2. Die Aufwendungen des Klägers für die Fahrten mit dem eigenen PKW zwischen P und D können auch nicht als Werbungskosten nach § 9 Abs. 1 Nr. 4 EStG - Aufwendungen für Fahrten zwischen Wohnung und Arbeitsstätte - berücksichtigt werden.

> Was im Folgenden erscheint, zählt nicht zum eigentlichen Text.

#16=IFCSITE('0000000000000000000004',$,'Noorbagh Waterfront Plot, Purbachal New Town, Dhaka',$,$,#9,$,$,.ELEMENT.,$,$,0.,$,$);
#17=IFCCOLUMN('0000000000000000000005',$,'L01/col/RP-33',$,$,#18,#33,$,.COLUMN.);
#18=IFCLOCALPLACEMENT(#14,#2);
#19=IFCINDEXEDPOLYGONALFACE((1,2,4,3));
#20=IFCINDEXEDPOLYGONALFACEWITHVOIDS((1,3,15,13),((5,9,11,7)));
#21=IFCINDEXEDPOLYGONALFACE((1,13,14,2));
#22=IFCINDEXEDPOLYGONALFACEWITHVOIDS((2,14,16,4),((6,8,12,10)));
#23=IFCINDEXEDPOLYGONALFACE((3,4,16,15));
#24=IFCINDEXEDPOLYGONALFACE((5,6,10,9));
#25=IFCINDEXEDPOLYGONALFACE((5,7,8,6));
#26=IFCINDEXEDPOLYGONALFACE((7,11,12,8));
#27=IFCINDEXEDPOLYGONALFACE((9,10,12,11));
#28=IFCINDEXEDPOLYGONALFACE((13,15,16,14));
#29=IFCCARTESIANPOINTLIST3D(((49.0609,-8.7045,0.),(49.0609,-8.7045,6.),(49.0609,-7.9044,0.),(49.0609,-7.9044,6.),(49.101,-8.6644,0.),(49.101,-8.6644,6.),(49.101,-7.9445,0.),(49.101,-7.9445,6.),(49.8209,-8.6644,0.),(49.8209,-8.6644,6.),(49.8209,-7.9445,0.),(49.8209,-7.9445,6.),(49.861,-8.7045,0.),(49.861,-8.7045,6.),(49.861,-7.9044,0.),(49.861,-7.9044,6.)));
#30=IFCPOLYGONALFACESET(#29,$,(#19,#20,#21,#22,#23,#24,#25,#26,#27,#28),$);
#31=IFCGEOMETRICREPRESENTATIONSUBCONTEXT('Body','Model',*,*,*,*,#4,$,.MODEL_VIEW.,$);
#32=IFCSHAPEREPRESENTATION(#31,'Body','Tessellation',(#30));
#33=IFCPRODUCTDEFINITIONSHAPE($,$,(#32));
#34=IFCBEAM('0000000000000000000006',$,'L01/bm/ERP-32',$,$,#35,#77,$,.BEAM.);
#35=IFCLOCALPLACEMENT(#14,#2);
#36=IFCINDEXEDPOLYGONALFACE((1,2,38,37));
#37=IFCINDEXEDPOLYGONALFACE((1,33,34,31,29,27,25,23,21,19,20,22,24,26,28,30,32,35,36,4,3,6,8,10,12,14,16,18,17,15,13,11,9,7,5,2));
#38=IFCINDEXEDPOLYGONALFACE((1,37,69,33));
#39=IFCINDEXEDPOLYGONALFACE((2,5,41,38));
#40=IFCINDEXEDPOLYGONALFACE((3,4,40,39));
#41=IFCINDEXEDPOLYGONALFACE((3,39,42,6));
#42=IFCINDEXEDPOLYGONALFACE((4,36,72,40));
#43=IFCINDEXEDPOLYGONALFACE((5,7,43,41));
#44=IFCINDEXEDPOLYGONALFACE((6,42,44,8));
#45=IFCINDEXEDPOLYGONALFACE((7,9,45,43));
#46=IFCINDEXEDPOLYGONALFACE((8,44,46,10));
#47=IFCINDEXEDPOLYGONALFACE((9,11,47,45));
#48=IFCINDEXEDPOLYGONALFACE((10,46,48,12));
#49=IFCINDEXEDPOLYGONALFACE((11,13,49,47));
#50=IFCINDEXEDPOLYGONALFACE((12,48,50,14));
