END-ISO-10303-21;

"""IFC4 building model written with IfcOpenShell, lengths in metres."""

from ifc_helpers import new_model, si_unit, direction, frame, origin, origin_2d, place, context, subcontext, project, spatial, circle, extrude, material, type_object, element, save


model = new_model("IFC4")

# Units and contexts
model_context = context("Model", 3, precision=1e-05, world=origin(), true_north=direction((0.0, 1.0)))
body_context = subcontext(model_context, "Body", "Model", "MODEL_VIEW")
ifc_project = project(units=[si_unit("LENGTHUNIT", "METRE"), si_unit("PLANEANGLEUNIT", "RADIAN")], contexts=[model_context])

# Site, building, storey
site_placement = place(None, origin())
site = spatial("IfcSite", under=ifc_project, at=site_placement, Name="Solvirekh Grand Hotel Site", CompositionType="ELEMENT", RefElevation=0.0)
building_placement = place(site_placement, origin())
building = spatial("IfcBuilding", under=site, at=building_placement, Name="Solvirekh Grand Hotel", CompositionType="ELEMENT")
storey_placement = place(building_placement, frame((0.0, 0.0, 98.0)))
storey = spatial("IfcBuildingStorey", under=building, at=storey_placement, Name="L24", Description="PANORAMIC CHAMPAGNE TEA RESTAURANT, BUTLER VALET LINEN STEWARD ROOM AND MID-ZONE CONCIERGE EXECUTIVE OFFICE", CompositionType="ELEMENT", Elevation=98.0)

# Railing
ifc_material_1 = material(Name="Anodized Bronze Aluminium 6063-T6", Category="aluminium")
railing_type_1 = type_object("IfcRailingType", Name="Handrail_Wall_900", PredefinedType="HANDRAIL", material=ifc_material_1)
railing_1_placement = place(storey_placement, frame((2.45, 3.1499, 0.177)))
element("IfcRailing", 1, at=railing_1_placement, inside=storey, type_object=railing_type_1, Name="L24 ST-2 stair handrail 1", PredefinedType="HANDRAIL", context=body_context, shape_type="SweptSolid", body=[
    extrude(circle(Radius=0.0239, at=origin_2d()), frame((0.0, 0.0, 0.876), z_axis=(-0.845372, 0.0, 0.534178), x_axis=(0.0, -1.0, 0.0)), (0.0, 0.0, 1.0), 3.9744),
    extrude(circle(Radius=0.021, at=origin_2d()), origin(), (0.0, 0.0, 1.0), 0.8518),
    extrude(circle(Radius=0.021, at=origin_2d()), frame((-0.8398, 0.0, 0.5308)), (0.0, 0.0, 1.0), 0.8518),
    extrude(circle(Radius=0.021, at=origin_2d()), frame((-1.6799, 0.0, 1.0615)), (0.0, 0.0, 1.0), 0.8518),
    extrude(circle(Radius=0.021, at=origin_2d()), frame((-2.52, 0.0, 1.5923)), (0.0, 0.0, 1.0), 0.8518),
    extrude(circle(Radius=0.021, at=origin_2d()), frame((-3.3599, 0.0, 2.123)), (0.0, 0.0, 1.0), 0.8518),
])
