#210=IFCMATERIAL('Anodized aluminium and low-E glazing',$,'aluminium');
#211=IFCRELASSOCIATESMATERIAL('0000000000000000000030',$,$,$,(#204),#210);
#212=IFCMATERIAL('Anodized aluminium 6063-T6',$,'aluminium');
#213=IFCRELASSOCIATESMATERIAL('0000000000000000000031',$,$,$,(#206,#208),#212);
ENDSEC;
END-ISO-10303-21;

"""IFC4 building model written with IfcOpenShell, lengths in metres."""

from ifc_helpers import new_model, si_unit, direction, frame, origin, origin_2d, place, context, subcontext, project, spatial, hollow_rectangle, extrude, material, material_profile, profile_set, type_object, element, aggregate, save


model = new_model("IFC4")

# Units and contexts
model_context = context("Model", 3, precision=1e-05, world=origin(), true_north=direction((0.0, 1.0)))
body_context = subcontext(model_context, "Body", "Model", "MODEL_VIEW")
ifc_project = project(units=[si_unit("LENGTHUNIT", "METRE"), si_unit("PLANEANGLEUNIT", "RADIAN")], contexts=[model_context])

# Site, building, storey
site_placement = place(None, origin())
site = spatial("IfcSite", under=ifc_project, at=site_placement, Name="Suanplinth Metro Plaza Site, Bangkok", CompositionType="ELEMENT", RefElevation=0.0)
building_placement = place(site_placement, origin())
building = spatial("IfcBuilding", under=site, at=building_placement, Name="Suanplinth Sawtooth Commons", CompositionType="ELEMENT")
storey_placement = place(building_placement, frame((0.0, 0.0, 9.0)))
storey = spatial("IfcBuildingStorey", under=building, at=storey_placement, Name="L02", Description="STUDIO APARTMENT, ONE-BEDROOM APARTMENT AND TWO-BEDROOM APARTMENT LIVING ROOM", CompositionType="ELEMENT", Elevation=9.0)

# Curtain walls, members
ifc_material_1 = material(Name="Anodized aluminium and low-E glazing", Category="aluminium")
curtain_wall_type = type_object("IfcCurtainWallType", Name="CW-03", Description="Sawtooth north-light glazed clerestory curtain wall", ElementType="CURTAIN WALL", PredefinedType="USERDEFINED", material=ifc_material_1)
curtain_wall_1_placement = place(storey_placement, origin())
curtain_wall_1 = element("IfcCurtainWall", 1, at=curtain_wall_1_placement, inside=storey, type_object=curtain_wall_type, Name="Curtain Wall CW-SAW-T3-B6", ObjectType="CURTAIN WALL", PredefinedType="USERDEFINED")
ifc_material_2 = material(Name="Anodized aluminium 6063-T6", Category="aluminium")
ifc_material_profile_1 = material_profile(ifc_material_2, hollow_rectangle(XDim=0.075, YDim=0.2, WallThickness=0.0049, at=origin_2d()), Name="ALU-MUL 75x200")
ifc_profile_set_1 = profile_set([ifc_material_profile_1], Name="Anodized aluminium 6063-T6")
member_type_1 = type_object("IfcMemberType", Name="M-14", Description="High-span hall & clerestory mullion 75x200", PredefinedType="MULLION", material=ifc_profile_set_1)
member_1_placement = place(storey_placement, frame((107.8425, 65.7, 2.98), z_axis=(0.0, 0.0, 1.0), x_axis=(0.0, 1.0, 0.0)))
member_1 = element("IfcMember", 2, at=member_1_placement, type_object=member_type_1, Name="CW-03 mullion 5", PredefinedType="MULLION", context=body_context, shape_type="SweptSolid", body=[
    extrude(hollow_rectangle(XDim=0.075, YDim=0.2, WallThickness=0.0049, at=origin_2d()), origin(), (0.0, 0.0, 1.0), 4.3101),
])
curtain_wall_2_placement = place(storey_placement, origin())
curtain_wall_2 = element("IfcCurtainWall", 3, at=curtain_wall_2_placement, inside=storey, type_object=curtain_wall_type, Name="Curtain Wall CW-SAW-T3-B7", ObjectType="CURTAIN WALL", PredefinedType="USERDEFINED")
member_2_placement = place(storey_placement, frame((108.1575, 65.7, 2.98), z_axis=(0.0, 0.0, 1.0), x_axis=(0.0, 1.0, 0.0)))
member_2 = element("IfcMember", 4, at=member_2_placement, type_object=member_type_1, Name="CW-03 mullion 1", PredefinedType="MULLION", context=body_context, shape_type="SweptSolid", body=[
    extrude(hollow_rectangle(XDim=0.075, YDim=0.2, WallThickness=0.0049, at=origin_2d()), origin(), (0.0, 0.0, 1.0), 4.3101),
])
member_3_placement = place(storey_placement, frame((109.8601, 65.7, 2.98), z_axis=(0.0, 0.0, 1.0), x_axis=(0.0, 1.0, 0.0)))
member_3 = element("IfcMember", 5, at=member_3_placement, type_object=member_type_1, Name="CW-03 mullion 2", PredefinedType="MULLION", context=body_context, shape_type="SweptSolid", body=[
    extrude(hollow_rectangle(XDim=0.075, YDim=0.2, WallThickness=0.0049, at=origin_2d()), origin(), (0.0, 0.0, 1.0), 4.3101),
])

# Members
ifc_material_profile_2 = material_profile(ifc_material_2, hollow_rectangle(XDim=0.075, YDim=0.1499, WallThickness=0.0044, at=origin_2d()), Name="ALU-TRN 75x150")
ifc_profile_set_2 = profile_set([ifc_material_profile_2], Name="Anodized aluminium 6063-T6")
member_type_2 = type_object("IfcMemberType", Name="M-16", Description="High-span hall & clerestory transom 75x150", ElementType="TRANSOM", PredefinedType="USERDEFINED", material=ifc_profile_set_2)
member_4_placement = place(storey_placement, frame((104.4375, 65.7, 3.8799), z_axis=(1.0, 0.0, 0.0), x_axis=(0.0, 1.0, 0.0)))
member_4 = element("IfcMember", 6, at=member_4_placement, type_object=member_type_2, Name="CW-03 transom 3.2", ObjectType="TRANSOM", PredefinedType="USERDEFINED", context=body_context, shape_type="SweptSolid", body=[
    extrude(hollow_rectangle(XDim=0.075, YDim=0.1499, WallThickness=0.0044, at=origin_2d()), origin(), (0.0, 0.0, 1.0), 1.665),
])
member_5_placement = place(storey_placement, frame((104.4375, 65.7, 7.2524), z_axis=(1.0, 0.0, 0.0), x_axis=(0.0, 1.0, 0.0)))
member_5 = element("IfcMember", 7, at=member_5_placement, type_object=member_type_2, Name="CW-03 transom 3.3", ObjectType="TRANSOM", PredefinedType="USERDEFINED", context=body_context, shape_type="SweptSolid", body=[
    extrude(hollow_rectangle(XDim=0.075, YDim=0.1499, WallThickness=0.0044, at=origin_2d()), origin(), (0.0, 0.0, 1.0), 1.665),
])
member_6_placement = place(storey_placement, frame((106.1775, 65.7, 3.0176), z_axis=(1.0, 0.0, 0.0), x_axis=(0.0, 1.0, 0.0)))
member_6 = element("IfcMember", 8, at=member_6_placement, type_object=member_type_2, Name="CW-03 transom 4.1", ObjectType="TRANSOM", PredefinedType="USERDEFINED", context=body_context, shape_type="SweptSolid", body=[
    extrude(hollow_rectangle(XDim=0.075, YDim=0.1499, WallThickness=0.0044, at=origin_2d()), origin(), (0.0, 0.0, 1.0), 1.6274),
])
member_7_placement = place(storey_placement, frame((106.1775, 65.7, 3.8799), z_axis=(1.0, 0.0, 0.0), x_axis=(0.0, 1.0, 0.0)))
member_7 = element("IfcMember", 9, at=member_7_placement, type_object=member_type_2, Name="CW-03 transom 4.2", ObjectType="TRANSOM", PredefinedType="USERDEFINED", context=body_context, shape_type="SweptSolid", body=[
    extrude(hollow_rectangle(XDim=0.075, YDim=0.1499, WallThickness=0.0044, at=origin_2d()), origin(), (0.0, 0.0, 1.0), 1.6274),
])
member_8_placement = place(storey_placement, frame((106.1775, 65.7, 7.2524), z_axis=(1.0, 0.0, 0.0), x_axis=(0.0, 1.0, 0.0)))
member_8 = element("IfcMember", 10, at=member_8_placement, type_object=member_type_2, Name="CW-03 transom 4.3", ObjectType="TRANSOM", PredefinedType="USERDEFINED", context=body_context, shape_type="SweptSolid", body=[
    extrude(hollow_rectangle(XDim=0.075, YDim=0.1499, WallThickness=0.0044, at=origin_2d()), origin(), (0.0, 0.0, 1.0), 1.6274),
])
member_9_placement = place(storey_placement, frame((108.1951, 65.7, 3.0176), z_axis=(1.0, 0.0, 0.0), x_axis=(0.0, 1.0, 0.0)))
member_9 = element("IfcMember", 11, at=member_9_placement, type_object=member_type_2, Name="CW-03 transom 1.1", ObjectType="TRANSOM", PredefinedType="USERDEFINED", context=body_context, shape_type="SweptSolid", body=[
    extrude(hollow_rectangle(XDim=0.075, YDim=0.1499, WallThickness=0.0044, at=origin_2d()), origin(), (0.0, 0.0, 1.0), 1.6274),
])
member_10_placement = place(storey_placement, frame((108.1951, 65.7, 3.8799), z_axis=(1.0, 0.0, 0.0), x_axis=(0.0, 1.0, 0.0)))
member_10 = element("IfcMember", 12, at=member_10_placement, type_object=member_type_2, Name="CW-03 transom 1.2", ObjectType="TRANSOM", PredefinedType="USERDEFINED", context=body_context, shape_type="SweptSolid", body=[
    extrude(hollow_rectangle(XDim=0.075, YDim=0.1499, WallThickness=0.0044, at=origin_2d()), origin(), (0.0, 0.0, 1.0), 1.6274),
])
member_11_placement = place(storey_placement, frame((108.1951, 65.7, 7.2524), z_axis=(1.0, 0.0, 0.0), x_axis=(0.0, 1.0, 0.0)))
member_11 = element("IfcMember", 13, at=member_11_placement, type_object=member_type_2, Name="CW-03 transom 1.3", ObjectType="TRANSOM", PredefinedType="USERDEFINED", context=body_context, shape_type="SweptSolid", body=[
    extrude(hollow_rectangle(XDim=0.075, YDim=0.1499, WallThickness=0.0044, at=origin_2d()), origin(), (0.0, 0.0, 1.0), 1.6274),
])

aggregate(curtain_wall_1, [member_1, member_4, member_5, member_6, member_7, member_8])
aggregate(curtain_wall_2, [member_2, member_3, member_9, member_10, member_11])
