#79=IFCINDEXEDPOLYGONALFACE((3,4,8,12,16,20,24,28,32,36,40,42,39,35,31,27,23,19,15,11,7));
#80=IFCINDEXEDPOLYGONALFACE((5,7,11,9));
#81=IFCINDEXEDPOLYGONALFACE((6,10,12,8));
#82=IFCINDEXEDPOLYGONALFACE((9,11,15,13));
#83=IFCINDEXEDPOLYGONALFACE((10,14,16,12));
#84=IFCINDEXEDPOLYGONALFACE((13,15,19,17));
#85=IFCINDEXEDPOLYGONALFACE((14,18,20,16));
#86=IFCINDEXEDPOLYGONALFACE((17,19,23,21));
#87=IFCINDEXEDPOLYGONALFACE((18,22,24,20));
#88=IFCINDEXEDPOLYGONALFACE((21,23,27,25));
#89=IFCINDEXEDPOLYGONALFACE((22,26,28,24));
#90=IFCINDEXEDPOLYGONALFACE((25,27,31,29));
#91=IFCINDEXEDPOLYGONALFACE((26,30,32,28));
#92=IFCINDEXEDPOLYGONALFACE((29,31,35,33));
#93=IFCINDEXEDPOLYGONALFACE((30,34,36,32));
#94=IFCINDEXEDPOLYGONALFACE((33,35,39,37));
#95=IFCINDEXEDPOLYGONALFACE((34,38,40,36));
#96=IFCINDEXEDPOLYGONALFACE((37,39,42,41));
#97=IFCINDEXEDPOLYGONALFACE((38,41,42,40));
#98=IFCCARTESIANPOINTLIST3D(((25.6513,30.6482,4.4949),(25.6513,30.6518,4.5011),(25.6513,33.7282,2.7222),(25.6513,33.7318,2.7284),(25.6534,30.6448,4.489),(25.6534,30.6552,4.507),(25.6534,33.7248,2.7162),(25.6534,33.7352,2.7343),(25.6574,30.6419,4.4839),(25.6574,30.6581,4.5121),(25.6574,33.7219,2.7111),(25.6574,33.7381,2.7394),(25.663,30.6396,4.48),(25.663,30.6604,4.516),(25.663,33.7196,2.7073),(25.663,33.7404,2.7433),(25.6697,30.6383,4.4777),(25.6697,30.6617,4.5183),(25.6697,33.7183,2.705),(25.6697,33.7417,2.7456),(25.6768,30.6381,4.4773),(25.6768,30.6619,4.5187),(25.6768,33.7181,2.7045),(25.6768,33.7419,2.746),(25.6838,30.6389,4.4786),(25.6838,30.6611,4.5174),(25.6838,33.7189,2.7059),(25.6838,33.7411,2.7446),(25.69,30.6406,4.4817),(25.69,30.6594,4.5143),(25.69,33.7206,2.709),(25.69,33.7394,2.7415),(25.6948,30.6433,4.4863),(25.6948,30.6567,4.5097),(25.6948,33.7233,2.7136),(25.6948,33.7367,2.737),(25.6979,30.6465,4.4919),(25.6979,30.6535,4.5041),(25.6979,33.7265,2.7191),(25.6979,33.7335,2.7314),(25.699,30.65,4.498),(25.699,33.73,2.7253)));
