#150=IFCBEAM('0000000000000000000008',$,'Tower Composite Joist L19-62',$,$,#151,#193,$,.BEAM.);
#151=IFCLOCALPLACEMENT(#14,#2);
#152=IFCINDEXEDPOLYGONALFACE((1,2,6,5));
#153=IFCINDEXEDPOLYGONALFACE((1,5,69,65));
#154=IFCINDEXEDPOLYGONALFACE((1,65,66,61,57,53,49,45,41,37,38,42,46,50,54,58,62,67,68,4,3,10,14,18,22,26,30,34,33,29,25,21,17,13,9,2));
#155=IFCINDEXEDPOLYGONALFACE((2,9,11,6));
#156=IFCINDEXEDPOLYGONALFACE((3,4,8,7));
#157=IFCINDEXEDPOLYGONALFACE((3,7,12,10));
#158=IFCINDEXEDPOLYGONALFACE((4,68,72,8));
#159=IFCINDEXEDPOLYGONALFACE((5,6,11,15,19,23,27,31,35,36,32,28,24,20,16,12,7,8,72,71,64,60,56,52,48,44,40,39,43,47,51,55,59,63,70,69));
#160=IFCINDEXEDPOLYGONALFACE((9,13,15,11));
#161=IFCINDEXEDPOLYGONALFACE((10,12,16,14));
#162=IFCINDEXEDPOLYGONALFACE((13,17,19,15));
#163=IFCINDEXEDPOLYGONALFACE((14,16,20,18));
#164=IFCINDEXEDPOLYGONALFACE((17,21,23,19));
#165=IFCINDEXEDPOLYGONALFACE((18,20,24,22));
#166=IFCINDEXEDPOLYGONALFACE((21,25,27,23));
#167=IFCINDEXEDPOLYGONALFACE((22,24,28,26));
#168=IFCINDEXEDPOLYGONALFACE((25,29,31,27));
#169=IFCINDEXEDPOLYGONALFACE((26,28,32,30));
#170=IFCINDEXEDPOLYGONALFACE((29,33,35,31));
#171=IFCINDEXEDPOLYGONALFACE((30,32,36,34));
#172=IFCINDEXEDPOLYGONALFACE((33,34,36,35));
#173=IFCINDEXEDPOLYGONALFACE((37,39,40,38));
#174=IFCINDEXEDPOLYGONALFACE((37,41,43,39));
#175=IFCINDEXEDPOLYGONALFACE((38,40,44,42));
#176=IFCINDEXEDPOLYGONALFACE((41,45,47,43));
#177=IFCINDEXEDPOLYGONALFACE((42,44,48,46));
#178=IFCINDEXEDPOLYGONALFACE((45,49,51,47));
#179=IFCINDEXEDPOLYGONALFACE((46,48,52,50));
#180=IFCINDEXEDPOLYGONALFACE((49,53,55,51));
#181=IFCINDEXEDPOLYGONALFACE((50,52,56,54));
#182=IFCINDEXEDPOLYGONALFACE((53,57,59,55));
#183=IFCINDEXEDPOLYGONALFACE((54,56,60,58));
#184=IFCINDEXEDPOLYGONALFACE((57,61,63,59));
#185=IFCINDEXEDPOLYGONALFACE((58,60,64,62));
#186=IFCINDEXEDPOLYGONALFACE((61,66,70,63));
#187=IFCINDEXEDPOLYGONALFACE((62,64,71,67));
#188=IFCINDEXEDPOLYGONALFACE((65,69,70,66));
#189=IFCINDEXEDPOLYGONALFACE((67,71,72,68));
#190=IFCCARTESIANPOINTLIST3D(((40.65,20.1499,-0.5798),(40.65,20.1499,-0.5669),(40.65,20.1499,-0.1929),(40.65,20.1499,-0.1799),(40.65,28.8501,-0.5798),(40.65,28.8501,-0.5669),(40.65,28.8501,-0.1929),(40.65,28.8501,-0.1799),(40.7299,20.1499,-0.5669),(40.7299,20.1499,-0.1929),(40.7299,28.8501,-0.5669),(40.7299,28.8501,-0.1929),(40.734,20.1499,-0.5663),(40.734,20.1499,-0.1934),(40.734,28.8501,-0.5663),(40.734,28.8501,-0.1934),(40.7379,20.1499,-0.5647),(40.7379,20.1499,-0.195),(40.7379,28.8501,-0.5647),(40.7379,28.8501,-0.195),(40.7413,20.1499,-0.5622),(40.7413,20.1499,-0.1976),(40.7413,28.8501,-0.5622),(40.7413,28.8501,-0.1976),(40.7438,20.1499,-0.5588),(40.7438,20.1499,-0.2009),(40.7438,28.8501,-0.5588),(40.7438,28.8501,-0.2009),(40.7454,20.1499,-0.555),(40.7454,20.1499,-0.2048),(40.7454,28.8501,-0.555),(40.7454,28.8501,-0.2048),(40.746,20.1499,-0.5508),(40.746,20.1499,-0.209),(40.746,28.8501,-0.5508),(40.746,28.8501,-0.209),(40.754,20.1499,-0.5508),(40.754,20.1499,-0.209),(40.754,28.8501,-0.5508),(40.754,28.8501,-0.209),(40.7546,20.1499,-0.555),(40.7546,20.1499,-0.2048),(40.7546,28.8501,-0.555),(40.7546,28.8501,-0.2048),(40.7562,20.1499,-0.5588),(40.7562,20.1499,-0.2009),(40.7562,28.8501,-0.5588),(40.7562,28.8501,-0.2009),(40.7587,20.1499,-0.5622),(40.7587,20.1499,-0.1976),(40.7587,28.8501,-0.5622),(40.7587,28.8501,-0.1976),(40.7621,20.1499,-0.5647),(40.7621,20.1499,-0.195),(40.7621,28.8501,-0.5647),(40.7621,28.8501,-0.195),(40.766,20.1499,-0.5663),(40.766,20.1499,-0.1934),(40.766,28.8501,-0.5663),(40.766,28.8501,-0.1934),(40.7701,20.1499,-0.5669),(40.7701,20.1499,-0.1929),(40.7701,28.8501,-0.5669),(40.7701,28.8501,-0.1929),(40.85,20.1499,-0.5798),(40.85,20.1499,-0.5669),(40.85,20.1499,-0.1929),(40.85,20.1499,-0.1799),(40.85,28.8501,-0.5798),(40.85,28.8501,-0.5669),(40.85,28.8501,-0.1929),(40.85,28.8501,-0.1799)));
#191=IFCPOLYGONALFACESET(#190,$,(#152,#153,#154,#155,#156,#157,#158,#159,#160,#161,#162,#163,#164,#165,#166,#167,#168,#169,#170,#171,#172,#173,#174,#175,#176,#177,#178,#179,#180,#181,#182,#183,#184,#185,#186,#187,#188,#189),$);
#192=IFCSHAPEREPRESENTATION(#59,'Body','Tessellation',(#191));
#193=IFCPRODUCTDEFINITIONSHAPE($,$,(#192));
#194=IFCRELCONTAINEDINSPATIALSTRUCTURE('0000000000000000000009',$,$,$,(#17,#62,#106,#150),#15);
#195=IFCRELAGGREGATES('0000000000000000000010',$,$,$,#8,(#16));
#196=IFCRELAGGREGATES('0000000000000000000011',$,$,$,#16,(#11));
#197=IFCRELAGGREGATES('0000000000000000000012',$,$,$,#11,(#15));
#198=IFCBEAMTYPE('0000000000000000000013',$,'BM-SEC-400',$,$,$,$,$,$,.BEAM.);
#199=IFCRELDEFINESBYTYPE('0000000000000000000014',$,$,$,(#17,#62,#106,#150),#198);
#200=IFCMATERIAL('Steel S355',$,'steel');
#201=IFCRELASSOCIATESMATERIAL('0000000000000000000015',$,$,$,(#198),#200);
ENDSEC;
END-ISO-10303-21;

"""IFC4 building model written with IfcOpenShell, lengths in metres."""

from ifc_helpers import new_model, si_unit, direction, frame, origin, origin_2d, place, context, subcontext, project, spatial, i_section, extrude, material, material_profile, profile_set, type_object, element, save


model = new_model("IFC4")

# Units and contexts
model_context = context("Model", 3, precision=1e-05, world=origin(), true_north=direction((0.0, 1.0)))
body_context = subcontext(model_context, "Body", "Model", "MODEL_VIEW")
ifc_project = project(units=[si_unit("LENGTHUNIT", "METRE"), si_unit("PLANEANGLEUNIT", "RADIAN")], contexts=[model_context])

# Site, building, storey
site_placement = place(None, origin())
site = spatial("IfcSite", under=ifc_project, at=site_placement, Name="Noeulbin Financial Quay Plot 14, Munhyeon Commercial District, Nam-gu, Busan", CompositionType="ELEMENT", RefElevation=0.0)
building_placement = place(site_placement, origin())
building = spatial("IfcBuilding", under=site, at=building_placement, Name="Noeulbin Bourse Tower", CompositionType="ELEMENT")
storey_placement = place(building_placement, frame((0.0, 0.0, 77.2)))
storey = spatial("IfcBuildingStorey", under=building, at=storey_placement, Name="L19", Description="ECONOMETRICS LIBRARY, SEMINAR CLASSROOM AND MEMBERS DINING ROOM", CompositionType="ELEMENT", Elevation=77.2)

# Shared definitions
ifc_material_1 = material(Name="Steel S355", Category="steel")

a) Der Senat hat im Urteil vom heutigen Tage VI R 21/76 entschieden, daß bei einem verheirateten Arbeitnehmer, der mehrere Wohnungen besitzt und der sich zum Teil von der einen und zum Teil von der anderen Wohnung aus zu seiner Arbeitsstätte begibt, die Aufwendungen für die Fahrten zwischen der vom Beschäftigungsort weiter entfernt liegenden Wohnung zur Arbeitsstätte in der Regel Werbungskosten i. S. von § 9 Abs. 1 Nr. 4 EStG sind, wenn die weiter entfernt liegende Wohnung den örtlichen Mittelpunkt der Lebensinteressen des Arbeitnehmers darstellt. Das FG hat nicht festgestellt, wo der Kläger im Streitjahr 1973 den Mittelpunkt seiner Lebensinteressen hatte. Insbesondere hat das FG nicht ermittelt, wo die Ehefrau des Klägers im Jahre 1973 wohnte. Hätte sie in P gewohnt, so könnte dies, wie sich aus dem Urteil VI R 21/76 ergibt, dafür sprechen, daß der Mittelpunkt der Lebensinteressen der Kläger nunmehr nach P verlegt worden ist. Für den Streitfall bedarf es jedoch keiner Entscheidung, ob die Kläger den örtlichen Mittelpunkt ihrer Lebensinteressen nach P verlegt haben. Denn die Aufwendungen des Klägers für die Fahrten zwischen P und D kommen aus anderen Gründen nicht als Werbungskosten nach § 9 Abs. 1 Nr. 4 EStG in Betracht.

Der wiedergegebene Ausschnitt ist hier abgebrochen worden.